Question: I’m a long-time runner who recently switched to cycling due to knee problems. My injuries limited me to about 30 running miles per week, but now I can ride as much as I want and often do 300 miles per week.
I always felt fresh and ready to run races, but now I often lack motivation for centuries or even for training rides. Is there something about cycling that dampens enthusiasm? — Blaine P.
Coach Fred Matheny Replies: Your experience is fairly common among hard-driving runners who switch to cycling.
Running is an impact sport, so overuse injury is a constant danger. As a result, most runners find workouts self-limiting. They can’t run more than 30-50 miles per week without getting injured by the pounding. Then they have to rest and recover, which protects them against overtraining.
Cycling, conversely, is a compliant sport with no debilitating contact (unless you count crashes or nasty saddle sores). Smoothly turning the pedals allows you to ride virtually as much as you want. And that’s the problem. On the bike you can go indefinitely.
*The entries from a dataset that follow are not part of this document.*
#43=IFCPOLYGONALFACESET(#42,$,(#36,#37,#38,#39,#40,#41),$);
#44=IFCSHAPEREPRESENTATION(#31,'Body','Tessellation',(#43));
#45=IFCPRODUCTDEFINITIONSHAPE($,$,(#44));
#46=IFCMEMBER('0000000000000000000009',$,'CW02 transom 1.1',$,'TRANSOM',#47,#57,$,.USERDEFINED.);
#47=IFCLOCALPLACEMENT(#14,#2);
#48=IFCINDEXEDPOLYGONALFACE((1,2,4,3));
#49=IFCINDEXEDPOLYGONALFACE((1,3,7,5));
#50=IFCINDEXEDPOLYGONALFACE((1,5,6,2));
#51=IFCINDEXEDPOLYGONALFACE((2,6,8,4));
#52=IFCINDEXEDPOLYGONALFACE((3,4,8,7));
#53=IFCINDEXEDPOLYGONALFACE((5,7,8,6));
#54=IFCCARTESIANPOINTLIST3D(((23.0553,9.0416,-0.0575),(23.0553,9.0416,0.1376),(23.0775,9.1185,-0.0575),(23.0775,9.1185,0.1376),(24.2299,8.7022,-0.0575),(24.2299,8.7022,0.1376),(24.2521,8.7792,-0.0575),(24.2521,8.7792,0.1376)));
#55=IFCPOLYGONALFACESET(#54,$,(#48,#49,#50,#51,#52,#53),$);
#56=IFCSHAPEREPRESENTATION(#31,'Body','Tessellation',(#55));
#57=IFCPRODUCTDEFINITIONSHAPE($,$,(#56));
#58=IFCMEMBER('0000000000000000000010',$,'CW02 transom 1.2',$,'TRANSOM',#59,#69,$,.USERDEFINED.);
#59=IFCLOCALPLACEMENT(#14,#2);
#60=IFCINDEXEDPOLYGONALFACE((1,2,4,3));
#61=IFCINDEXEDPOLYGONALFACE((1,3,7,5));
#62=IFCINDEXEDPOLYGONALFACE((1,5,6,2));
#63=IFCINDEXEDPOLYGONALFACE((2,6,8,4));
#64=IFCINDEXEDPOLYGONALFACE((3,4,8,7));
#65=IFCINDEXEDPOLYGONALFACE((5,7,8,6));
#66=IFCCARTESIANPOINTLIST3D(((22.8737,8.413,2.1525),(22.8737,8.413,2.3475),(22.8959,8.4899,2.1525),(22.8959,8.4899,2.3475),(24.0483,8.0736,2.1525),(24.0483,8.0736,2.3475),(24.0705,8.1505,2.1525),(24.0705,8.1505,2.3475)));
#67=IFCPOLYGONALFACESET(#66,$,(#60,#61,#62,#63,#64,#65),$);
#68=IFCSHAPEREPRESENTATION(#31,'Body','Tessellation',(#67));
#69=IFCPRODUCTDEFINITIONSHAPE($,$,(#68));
But bodies have limits. In cycling, they’re marked not by stress fractures but by symptoms of systemic overtraining — depression, chronic fatigue, declining performances and lack of enthusiasm.
- First, carefully monitor your workouts and limit both distance and intensity. If you have to force yourself to ride, don’t ride.
- Second, devise a year-round plan that allows you to build mileage without overdoing it. A coach can be very helpful in this regard.